# Internal Combustion Engines¶

## Example 3.1 , Page 131¶

In [16]:
# Initialization of Variable
from math import pi
from math import atan
from numpy import *
re=6.0
k=1.4

#calculations
nt=1-1/re**(k-1)
ntt=nt*100  #efficiency

#results
print "Thermal efficiency in percent",round(ntt,3)

Thermal efficiency in percent 51.164


## Example 3.2,Page 132¶

In [1]:
# Initialization of Variable
from math import pi
from math import atan
from numpy import *
d=3.25 #in
stroke=4.0 #in
v=6.0 #cu in

#calculations
Dp=d**2 *pi*stroke/4
r=(Dp+v)/v #compression ratio

#results
print "Compression ratio ",round(r,3)

Compression ratio  6.531


## Example 3.3,Page 133¶

In [18]:
# Initialization of Variable
from math import pi
from math import atan
from numpy import *
per=20.0
Dp=100.0

#calculations
r=Dp/per +1

#results
print "Compression ratio ",round(r,3)

Compression ratio  6.0


## Example 3.4,Page 136¶

In [19]:
# Initialization of Variable
from math import pi
from math import atan
from numpy import *
r=16.0
rc=4.0
k=1.4

#calculations
etat=1-1/r**(k-1) *((rc**k -1)/(k*(rc-1)))
eta=etat*100; #efficiency

#results
print "Thermal efficiency in percent",round(eta,3)
print "The answer is a bit different due to rounding off error in the textbook"

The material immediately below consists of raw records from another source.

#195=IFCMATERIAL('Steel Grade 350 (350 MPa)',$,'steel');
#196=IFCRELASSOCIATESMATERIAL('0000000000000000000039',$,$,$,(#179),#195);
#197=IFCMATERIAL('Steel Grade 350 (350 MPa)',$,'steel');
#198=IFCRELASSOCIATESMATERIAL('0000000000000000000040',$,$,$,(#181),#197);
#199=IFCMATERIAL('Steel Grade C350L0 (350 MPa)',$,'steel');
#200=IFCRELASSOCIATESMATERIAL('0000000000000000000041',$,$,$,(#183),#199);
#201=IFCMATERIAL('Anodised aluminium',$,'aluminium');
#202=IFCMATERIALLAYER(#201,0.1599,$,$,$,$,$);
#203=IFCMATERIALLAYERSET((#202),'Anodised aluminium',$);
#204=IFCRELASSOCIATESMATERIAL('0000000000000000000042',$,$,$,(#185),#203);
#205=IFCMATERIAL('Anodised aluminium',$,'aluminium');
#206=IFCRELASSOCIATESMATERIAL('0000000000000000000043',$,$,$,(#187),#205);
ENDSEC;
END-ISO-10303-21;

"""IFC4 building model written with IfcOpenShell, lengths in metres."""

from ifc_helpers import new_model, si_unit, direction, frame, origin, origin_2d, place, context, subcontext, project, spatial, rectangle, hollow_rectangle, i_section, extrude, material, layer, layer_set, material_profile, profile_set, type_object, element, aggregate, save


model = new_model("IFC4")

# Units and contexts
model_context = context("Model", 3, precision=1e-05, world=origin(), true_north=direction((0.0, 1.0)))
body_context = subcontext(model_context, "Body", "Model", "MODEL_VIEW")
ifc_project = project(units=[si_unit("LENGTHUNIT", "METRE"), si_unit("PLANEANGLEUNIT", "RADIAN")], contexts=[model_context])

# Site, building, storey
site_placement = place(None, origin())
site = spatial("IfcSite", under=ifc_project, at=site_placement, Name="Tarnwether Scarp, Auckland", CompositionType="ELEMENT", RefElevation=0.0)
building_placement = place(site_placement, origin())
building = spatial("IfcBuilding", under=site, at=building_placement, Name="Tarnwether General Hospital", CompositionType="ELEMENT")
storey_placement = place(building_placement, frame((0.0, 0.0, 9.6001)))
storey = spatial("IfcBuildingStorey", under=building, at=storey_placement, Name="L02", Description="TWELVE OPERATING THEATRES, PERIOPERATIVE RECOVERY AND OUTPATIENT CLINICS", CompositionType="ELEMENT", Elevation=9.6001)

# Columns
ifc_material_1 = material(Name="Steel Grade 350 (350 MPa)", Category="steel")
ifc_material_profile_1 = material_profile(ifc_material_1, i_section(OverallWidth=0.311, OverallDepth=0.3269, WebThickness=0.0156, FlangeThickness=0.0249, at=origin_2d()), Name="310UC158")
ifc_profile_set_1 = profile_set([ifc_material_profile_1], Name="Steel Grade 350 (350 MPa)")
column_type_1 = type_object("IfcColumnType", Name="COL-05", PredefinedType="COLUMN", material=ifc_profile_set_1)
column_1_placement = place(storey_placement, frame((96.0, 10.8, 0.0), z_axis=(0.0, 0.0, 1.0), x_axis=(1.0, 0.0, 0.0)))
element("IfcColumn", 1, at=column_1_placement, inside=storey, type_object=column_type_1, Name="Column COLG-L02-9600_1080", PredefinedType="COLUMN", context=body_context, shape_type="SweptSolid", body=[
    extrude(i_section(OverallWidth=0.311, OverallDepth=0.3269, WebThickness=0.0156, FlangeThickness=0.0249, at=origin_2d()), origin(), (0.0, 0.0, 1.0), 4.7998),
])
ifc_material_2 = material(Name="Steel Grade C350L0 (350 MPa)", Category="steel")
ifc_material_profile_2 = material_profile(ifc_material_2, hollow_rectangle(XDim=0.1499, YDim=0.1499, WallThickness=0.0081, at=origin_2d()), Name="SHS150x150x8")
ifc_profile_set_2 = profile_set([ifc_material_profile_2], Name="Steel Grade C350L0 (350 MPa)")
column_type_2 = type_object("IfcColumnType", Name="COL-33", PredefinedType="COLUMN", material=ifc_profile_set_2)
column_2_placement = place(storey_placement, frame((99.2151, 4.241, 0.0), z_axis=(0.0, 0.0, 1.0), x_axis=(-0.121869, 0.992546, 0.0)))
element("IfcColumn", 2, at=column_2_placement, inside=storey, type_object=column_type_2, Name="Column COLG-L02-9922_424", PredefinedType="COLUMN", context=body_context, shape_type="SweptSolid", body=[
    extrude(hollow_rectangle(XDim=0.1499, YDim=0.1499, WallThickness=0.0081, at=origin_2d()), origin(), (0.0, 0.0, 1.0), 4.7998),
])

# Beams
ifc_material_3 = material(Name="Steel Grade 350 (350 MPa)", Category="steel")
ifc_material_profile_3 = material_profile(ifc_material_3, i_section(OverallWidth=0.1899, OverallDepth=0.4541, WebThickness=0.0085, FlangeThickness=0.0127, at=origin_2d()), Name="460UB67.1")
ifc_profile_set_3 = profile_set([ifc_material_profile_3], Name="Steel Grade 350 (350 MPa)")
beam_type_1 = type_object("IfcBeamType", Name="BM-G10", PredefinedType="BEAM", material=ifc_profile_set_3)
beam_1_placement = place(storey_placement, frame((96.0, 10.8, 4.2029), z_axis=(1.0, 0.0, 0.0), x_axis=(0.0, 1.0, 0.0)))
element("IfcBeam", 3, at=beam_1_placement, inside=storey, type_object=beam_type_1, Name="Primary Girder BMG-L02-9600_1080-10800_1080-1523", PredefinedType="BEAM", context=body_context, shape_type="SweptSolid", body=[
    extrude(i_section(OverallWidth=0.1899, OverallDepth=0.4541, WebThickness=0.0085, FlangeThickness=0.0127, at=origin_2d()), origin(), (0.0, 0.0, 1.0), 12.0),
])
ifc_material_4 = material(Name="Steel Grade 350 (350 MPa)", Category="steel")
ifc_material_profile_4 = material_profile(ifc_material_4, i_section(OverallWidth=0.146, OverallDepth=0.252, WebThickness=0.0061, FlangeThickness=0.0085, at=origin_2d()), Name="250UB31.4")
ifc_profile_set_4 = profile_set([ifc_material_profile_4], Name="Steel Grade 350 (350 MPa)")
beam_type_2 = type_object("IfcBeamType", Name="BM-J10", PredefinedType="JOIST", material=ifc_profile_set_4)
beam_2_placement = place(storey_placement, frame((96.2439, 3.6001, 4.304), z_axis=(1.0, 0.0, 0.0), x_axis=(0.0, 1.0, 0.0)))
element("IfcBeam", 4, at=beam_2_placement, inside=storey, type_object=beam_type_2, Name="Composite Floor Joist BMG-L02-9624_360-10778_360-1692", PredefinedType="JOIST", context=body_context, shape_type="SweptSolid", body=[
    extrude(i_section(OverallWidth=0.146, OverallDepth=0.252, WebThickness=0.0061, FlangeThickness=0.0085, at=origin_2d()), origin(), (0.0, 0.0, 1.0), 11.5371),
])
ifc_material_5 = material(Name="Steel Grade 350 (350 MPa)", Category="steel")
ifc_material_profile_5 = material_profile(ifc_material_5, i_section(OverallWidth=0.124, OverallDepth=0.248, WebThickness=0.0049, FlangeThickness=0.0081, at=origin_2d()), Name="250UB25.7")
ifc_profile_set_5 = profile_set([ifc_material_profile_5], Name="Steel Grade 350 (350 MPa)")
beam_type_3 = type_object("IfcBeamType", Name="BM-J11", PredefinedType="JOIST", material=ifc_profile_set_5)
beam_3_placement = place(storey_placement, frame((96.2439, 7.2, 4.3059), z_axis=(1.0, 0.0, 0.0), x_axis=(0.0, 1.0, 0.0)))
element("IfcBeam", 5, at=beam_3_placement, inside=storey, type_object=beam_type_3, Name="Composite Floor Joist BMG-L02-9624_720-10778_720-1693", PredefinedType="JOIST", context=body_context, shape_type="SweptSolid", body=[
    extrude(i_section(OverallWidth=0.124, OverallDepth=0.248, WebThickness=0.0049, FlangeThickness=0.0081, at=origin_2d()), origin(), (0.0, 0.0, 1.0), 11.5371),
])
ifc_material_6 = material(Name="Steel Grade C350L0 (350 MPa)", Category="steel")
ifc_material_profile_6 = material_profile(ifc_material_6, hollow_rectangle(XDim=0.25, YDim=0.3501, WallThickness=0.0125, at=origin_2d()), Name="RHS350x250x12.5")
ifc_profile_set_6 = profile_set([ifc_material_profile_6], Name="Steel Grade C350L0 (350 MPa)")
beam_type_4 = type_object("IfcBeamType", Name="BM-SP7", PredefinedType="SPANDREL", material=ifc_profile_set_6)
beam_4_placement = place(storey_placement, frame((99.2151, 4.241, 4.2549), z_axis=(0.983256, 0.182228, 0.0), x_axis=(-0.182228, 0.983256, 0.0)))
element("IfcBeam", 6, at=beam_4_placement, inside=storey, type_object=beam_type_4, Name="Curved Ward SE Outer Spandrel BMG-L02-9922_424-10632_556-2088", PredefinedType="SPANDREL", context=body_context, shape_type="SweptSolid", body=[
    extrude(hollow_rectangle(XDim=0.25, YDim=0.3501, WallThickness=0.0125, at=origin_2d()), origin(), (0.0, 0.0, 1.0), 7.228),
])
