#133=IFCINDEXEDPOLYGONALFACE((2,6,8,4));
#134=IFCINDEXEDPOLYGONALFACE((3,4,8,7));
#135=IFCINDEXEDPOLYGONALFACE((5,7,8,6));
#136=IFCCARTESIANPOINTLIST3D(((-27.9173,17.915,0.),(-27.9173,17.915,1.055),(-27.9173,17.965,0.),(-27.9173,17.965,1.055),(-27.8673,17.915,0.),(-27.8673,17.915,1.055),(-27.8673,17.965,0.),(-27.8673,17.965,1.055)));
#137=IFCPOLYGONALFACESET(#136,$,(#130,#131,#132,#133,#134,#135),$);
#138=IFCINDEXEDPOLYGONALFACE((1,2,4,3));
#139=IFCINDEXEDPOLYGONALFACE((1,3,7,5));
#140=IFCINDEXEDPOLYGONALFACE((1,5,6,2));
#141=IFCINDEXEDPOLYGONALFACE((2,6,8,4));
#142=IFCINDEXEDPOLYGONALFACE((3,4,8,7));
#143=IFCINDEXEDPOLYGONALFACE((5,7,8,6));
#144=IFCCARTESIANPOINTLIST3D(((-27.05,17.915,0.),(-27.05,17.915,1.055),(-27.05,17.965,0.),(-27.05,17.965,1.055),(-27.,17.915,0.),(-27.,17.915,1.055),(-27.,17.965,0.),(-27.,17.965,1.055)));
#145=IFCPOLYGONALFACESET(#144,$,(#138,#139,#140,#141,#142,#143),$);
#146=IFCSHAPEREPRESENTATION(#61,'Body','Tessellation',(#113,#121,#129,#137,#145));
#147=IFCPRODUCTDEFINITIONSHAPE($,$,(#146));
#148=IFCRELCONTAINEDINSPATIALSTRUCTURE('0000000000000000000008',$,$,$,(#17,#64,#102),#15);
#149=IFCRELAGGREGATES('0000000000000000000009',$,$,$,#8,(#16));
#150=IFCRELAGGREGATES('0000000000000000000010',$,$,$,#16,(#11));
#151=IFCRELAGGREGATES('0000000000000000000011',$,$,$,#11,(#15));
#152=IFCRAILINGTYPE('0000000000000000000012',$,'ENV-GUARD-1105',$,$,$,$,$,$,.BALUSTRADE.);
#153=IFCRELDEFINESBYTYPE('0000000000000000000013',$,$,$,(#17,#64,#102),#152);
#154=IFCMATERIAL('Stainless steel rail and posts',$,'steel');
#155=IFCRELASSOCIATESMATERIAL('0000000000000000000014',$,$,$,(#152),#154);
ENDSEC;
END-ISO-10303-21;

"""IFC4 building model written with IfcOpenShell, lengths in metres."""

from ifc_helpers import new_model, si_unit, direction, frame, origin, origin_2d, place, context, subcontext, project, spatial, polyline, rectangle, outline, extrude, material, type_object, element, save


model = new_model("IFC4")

Thermal efficiency in percent 53.154
The answer is a bit different due to rounding off error in the textbook


## Example 3.5,Page 142¶

In [2]:
# Initialization of Variable
from math import pi
from math import atan
from numpy import *
F=200 #lb
area=1.65 #sq. in
length=3.5 #in

#calculations
ord=area/length
mep=ord*F

#results
print "MEP of an engine in psi",round(mep,3)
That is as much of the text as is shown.